Needless to say, every generation has a responsibility to the next to preserve that rhythm and harmony for the full enjoyment of a balanced and healthful ecology. Put a little differently, the minor’s assertion of their right to a sound environment constitutes at the same time, the performance of their obligation to ensure the protection of that right for the generations to come.

Secretary of DENR vs Yap

Natural Resources and Environmental Laws: Regalian Doctrine

GR No. 167707; Oct 8, 2008


FACTS:
This petition is for a review on certiorari of the decision of the Court of Appeals (CA) affirming that of the Regional Trial Court (RTC) in Kalibo Aklan, which granted the petition for declaratory relief filed by respondents-claimants Mayor Jose Yap et al, and ordered the survey of Boracay for titling purposes.
On Nov. 10, 1978, President Marcos issued Proclamation No. 1801 declaring Boracay Island as a tourist zone and marine reserve. Claiming that Proc.

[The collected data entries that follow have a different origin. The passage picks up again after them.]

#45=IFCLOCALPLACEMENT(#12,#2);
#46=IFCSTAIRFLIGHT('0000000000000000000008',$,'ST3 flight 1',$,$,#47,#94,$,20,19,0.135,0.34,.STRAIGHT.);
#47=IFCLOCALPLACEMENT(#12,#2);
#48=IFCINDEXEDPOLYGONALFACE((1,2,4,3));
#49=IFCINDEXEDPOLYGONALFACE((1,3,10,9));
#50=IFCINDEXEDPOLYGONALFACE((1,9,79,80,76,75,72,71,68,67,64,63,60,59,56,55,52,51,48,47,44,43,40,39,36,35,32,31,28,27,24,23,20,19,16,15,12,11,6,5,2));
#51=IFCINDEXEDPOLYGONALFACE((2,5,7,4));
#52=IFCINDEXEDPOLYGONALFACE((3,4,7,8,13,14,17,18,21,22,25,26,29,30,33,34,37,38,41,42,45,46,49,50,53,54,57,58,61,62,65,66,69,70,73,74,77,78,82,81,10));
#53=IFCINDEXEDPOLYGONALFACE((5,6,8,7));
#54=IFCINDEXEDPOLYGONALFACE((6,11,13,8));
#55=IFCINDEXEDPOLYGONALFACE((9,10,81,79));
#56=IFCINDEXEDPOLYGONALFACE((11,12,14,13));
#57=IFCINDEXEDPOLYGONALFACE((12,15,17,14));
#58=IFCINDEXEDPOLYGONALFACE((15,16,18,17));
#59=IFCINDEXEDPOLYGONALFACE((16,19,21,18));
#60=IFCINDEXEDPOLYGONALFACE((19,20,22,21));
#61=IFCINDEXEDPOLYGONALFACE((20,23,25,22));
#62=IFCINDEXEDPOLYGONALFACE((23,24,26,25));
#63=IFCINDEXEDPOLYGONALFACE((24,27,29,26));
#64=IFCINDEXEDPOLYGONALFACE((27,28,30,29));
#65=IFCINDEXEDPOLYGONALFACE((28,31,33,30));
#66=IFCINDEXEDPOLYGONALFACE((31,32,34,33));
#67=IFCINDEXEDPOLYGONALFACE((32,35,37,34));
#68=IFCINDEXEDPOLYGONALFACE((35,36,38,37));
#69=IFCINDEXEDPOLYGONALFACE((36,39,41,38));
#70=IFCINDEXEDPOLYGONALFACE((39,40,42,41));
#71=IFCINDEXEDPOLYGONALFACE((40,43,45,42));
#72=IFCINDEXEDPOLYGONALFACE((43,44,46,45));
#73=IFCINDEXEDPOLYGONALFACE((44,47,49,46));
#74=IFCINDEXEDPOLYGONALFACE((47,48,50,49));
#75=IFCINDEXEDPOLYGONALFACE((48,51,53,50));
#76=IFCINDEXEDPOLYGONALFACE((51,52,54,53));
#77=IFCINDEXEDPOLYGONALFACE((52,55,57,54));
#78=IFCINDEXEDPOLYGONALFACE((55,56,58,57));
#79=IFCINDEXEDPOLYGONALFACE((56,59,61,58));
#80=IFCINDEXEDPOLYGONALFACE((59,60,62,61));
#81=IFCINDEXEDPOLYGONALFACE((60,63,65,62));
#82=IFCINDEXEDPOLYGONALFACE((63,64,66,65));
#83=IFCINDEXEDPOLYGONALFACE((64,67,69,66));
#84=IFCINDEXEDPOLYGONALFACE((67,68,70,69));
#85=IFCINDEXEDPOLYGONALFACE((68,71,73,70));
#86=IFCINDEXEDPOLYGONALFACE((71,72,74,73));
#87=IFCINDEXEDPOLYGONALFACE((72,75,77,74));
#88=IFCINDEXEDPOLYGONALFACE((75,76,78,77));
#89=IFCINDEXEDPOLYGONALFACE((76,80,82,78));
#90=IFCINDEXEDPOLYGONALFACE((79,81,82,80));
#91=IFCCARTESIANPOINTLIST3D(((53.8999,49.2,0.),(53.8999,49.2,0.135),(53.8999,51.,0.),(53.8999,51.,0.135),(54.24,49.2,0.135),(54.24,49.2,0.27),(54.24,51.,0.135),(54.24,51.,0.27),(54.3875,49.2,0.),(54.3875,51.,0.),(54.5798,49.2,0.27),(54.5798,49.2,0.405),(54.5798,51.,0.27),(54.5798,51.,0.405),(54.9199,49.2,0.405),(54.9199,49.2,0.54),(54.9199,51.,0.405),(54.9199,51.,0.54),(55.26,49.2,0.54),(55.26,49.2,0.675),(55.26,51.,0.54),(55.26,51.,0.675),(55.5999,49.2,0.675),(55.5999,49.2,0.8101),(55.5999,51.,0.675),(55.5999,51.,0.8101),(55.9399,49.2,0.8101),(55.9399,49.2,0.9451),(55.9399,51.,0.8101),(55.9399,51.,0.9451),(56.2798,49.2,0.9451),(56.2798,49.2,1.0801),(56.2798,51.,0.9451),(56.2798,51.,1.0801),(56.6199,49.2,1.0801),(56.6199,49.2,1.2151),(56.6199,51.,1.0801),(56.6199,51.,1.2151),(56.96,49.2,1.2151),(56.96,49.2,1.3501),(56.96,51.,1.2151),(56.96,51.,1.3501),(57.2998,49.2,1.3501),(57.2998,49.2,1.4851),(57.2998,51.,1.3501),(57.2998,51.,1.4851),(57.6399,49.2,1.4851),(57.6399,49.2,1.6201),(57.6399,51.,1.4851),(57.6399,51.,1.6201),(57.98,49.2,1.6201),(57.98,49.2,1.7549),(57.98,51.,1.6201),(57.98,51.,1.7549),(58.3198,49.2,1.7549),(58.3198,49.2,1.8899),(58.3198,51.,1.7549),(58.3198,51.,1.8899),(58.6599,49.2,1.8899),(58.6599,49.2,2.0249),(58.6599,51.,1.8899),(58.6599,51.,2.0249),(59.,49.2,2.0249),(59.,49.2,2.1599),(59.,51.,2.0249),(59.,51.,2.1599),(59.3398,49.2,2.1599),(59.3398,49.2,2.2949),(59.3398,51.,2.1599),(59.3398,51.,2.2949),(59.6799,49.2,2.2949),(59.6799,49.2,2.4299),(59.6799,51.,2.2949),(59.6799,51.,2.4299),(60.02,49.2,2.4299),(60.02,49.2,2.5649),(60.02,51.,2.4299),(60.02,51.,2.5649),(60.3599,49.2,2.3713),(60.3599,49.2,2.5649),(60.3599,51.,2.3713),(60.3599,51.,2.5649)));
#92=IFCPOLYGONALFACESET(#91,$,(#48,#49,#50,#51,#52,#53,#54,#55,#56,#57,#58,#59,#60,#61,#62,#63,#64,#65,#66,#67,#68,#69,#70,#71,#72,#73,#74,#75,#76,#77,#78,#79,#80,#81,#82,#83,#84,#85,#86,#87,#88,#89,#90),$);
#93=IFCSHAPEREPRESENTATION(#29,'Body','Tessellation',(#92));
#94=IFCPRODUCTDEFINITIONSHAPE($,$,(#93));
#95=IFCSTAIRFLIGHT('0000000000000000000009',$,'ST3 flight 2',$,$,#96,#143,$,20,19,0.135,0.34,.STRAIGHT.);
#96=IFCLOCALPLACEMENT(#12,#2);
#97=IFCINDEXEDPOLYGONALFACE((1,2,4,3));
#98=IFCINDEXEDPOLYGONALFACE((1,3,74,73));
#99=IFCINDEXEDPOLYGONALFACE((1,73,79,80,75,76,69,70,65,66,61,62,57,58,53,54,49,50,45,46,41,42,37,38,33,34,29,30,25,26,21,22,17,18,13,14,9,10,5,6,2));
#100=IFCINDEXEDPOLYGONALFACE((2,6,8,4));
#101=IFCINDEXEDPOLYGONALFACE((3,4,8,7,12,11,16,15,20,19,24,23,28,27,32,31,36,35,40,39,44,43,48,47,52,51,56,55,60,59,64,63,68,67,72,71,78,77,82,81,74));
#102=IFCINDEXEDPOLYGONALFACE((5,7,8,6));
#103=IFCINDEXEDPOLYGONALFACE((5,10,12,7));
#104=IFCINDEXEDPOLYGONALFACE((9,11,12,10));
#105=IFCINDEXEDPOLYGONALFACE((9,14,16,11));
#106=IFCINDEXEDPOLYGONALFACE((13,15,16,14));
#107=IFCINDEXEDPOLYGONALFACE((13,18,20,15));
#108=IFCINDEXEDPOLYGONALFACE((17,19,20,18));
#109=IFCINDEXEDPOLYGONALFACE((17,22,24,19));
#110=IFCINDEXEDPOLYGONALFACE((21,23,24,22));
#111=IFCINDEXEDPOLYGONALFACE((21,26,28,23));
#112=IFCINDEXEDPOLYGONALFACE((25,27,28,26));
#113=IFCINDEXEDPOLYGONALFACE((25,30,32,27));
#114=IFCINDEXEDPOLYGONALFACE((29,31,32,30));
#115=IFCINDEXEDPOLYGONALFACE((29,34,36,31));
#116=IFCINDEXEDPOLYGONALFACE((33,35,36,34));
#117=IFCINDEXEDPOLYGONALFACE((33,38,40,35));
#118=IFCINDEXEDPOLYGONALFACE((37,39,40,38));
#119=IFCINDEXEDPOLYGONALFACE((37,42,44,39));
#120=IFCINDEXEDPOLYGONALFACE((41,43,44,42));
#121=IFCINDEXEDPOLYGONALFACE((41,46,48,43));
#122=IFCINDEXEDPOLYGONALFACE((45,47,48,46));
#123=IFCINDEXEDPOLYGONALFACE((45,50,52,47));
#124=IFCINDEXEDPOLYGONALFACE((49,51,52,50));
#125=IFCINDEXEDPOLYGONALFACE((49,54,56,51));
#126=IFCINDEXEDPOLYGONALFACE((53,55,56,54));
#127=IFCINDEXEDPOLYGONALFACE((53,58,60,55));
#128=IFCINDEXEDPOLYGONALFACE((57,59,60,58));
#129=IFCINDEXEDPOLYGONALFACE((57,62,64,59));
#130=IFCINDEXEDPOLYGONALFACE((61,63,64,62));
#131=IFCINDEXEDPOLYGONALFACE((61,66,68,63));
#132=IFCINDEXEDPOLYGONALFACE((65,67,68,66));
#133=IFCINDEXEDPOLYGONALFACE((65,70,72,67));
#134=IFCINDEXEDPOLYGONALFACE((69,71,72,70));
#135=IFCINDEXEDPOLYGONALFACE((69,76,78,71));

No. 1801 precluded them from filing an application for a judicial confirmation of imperfect title or survey of land for titling purposes, respondents-claimants filed a petition for declaratory relief with the RTC in Kalibo, Aklan.
The Republic, through the Office of the Solicitor General (OSG) opposed the petition countering that Boracay Island was an unclassified land of the public domain. It formed part of the mass of lands classified as “public forest,” which was not available for disposition pursuant to section 3(a) of PD No. 705 or the Revised Forestry Code.

ISSUE:
 Whether unclassified lands of the public domain are automatically deemed agricultural land, therefore making these lands alienable.

HELD:
No. To prove that the land subject of an application for registration is alienable, the applicant must establish the existence of a positive act of the government such as a presidential proclamation or an executive order, an administrative action, investigative reports of the Bureau of Lands investigators, and a legislative act or statute.
A positive act declaring land as alienable and disposable is required. In keeping with the presumption of state ownership, the Court has time and again emphasized that there must be a positive act of the government, such as an official proclamation, declassifying inalienable public land into disposable land for agricultural or other purposes.
The Regalian Doctrine dictates that all lands of the public domain belong to the State, that the State is the source of any asserted right to ownership of land and charged with the conservation of such patrimony.

All lands not otherwise appearing to be clearly within private ownership are presumed to belong to the State. Thus, all lands that have not been acquired from the government, either by purchase or by grant, belong to the State as part of the inalienable public domain.